A little Irene Emergency Prep UPDATE

I don’t know if Glenn Reynolds was ever a Boy Scout, but he is always mindful about emergency preparedness, and the coming hurricane has him Johnny-on-the-spot with useful links on getting ready, and I’m sure he’ll keep adding to it, so check him out.

Over here, we’ve been a little slow on the uptake. My Eagle-Scout-Creating husband, who is ridiculously busy at work looked up dazedly from his desk last night and said, “are we all set for this storm?”

“I think we have some tins of tuna. Pretty sure,” I said. “And, peanut butter and…maybe some Nutella.”

He sighed and returned to his report, saying, “alrighty then, glad you’re up on everything; I knew you would be!”

In truth, we were a little better prepared than that. This morning I hard-boiled 18 eggs, and then took an inventory and found the staples: Bread, milk (liquid and powdered), more eggs; check! Pasta, beans, tuna, sardines, crackers, coffee, grains, candles; check.

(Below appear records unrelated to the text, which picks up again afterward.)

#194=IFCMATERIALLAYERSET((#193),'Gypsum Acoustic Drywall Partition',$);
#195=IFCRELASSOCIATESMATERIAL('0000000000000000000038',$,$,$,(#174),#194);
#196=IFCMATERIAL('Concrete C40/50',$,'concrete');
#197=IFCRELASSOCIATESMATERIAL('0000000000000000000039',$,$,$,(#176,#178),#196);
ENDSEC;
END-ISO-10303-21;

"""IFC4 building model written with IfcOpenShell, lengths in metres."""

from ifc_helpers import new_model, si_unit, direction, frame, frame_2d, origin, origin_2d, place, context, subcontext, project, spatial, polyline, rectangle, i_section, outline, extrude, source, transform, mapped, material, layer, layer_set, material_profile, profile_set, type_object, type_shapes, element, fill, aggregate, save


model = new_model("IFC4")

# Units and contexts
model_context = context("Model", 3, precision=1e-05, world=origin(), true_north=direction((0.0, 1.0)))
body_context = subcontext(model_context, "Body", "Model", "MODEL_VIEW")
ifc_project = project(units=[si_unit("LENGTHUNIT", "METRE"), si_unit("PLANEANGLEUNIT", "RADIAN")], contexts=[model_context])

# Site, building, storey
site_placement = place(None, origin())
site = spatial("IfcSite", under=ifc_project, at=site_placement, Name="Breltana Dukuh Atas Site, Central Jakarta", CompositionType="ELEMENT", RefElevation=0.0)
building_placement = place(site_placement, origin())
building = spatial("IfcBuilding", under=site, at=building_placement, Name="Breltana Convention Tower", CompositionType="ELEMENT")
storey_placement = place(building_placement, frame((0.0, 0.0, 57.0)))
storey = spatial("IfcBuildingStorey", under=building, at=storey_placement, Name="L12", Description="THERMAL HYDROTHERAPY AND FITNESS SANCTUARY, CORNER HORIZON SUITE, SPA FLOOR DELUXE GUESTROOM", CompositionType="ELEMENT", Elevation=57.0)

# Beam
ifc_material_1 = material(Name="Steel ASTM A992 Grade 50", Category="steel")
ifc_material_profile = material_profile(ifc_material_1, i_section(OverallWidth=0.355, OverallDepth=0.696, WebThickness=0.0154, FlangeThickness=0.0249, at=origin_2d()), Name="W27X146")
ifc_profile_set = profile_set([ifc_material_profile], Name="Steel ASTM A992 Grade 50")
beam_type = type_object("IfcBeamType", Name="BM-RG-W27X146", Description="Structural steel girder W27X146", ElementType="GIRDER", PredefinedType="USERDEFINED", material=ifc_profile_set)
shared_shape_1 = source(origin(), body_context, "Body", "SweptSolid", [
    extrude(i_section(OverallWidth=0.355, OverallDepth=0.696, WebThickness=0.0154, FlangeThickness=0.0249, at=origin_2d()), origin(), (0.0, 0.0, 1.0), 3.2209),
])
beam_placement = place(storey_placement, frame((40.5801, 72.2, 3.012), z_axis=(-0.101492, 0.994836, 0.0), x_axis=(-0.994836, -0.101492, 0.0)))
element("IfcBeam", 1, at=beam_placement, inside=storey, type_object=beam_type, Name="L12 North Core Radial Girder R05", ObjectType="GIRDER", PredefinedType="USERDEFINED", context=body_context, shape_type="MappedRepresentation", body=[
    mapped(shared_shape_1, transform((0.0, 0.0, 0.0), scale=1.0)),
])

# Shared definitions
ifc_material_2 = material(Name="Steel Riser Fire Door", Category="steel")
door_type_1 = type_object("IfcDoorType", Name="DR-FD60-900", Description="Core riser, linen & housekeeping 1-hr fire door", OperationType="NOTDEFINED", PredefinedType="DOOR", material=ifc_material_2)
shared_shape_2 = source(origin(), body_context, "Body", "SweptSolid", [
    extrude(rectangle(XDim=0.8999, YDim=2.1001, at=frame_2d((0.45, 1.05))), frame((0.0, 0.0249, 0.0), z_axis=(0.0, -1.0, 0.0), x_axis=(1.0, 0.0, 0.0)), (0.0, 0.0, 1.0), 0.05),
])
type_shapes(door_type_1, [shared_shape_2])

Flashlight and Batteries; check. Brandy; check. Wine; check. Medical kit; check. Scrabble board; check. Cookies…Cookies?

I have been told by an authority that one must have cookies in supply during a hurricane. These, we did not have.

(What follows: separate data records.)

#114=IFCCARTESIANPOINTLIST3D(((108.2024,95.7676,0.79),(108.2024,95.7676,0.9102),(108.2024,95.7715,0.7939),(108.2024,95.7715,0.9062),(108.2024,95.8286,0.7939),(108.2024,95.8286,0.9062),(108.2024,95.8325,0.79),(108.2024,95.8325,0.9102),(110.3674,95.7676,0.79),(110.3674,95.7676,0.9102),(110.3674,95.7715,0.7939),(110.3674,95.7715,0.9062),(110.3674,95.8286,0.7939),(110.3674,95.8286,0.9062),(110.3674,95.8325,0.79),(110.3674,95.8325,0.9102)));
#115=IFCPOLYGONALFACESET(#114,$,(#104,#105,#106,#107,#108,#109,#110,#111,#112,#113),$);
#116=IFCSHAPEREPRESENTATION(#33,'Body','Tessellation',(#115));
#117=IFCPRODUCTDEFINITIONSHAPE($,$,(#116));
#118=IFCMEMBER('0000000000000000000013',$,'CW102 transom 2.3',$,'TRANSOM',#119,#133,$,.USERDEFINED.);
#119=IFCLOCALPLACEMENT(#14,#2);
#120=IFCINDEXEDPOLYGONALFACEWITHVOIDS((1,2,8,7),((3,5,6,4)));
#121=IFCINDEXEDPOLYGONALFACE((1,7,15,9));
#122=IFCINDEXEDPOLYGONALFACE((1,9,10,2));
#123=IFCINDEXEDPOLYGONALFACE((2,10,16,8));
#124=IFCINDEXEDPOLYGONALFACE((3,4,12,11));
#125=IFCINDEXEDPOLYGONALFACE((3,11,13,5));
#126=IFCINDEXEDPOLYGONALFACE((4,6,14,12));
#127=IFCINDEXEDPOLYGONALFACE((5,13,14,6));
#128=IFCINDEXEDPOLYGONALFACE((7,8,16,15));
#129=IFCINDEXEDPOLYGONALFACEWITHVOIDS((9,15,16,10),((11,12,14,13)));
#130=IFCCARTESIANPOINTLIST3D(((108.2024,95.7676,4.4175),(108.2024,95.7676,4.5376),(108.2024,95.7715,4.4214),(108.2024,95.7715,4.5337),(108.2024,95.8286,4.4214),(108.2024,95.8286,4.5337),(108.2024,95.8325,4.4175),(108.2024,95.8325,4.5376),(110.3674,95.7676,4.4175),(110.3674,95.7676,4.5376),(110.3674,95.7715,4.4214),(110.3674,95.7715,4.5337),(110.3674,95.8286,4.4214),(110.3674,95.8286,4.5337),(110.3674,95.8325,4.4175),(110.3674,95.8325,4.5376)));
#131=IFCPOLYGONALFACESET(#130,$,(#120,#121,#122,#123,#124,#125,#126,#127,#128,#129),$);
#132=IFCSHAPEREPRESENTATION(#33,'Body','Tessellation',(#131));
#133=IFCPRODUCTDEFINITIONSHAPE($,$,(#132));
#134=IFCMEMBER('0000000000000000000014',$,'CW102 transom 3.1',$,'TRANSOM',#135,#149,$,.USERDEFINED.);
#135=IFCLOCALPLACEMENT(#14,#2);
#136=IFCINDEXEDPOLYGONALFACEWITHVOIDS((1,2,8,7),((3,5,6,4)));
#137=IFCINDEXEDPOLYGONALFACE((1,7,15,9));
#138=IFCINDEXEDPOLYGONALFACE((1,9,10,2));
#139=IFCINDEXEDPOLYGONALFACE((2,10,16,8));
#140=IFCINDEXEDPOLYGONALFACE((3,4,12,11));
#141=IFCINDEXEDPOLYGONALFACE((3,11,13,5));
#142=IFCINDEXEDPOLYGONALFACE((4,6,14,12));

So off I trundled to my least favorite place in the world, the grocery store, where normally staid suburban New Yorkers were going out of their minds, laying in a months’ worth of provender. People buying giant slabs of Jarlsberg cheese, ordering whole pounds of ham, turkey, roast beef and baloney from the deli cases — buying gallons of milk and various meats and I thought, “silly folk; when the power goes out for a week, all those perishables will become a hassle for you. Buy rice and beans, and fruit. And Guinness, which is good for you! And cookies!”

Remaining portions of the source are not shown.